Though rare, this condition is worthy of mention since it illustrates well a clear cut enzyme deficiency inherited as a recessive trail and occurring most frequently in cousin marriages. The metabolic defect is an inability to convert the amino-acid phenylalanine to tyrosine with the effect that a large amount of phenylalanine accumulates in the blood and it is excreted in the urine as phenylpyruvic acid. Untreated there is progressive mental deterioration. The clinical picture is of an infant with blond hair, pale skin and an eczematous eruption indistinguishable from infantile eczema which appears soon after birth. From the practical point of view this clinical condition should disappear since all infants should have their blood tested for phenylalanine levels the 6th day after birth. If abnormal amounts are discovered then treatment with a diet low in phenylalanine does offer some hope of success if started then.

The hyperlipoproteinaemias

The occurrence of xanthomata, deposits of lipid material in the skin may indicate a disorder of lipoproteins. The most common of these fatty lesions are the soft chamois leather like plaques on the eyelids (xanthelasma) but fortunately less than half the patients with xanthelasma have any evidence of metabolic disorder. The purely cosmetic problem can be solved by the removal of the fatty tissue by excision or diathermy. Far more ominous are the true tumour-like nodules over the bony prominences of the knees, elbows and fingers. Xanthomata also occur in tendon sheaths where they appear as hard nodules, and streaks of yellow material can be observed in the palmar creases and another association is the formation of a premature arcus senilis of the cornea. Though harmless in themselves, the xanthomata indicate either an inherited disorder which may be, associated with an increased risk of ischaemic heart disease or they may arise as a secondary phenomenon in the course of systemic disease such as biliary cirrhosis, the nephrotic syndrome or diabetes.

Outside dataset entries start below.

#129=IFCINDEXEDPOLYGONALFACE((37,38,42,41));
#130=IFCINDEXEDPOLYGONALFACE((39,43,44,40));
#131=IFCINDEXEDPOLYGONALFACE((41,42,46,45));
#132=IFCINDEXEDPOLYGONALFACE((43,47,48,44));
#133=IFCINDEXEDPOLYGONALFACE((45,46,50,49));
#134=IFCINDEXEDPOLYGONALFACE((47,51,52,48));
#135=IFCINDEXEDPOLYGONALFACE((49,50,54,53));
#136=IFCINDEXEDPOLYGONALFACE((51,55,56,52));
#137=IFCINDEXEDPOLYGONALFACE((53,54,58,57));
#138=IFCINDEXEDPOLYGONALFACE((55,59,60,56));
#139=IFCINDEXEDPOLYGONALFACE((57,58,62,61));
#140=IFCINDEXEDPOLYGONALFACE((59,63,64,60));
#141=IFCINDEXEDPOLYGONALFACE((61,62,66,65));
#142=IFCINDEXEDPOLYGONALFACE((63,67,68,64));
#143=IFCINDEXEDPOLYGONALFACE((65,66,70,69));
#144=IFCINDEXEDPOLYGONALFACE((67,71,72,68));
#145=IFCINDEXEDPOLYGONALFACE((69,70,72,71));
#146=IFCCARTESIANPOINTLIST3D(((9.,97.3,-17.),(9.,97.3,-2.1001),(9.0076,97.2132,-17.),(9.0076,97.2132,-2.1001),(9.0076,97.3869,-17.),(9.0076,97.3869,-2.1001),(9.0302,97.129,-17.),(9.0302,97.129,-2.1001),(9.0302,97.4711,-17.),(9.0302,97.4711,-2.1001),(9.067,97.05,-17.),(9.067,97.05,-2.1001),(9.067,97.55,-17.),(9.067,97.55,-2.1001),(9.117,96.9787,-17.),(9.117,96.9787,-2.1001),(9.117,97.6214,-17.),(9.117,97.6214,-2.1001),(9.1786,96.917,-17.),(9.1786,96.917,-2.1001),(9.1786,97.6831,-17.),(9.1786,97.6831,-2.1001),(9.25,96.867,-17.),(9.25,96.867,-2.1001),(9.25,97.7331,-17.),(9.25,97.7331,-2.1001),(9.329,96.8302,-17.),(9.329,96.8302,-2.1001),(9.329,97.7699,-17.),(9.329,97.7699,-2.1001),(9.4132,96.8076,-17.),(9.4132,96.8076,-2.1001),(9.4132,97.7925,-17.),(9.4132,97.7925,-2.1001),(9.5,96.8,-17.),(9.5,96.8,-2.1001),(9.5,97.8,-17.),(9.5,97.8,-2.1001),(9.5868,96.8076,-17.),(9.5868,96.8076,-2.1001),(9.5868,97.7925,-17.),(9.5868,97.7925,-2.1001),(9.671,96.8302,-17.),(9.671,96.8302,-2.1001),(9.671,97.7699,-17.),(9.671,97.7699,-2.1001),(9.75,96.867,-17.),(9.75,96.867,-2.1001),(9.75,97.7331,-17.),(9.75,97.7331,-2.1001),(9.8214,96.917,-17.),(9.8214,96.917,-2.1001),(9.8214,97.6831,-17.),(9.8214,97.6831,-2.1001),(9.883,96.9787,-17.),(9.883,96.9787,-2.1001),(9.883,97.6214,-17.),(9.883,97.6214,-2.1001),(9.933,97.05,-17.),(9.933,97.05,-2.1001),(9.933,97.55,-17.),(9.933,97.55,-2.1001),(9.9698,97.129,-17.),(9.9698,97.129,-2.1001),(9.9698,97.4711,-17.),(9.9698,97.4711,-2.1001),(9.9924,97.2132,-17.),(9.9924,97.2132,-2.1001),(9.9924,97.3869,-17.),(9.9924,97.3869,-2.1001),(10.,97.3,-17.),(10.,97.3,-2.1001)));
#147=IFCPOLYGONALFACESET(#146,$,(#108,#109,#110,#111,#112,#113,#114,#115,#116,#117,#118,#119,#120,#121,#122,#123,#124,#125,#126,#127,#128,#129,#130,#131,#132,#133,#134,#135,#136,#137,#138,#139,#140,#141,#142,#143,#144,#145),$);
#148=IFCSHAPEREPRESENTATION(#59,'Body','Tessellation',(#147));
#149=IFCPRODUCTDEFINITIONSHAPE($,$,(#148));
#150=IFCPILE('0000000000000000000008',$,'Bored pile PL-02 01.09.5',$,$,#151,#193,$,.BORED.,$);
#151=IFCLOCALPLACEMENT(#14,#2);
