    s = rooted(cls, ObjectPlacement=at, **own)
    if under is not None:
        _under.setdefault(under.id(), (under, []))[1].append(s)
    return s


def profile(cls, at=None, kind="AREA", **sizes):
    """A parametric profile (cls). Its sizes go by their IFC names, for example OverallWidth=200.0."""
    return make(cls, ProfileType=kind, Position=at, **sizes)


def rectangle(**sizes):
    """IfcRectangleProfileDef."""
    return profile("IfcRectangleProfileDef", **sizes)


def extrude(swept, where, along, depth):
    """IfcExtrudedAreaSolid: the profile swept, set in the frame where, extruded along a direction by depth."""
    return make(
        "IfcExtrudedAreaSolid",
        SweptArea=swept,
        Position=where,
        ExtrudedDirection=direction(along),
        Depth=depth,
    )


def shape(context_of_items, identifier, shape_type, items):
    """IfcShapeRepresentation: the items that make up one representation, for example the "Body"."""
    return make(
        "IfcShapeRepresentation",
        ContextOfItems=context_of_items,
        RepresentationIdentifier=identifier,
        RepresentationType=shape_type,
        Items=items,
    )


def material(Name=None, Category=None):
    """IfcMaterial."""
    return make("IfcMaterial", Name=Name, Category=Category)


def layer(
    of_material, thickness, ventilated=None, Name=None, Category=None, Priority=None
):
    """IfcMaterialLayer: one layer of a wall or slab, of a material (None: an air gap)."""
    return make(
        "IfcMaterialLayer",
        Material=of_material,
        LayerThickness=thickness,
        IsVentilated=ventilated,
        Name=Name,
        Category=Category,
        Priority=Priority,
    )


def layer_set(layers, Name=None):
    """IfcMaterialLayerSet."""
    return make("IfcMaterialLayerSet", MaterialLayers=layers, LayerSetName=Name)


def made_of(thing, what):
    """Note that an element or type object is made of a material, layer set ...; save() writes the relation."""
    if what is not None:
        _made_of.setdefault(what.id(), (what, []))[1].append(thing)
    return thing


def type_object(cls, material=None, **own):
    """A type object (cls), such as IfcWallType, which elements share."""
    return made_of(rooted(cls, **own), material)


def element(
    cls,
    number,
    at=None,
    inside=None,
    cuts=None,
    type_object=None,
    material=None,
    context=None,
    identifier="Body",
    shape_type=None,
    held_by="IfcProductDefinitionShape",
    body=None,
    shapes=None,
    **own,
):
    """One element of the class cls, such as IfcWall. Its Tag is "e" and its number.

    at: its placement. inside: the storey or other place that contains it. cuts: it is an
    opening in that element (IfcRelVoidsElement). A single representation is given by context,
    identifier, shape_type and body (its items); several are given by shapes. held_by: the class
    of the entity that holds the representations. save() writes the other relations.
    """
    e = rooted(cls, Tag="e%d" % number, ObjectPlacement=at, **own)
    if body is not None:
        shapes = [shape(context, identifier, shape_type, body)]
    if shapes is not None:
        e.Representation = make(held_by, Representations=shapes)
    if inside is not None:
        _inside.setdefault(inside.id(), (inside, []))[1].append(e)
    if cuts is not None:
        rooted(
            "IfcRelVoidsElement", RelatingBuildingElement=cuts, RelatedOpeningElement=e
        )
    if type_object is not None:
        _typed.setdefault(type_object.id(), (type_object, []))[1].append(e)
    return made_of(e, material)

The inherited abnormalities of lipoproteins have recently been classified into five different types on the basis of their electrophoretic patterns though they also differ genetically. Prognosis and treatment varies with the correct diagnosis of the disorder, thus full investigation of a patient with xanthomata is essential. It is certainly possible, by the use of diet plus cholestyramine or clofibrate, dependent on the variety of the disorder, to control the hereditary hyperlipoproteinaemia and cause resolution of the xanthomata. Whether early treatment can prevent or arrest the vascular disease remains unknow unknown.

Genetic counselling

The greater knowledge of the genetics of skin diseases has enabled a more accurate genetic prognosis to be given to parents if a correct clinical diagnosis has been made and the disorder is known to obey Mendelian rules.

In recent years it has also become feasible to examine amniotic fluid or fetal cells obtained by amniocentesis. By the study of this material it may be possible to establish that the fetus has a serious inherited disorder and termination of the pregnancy can then be carried out. In this way the number of sufferers gravely handicapped by inherited skin conditions may be lessened.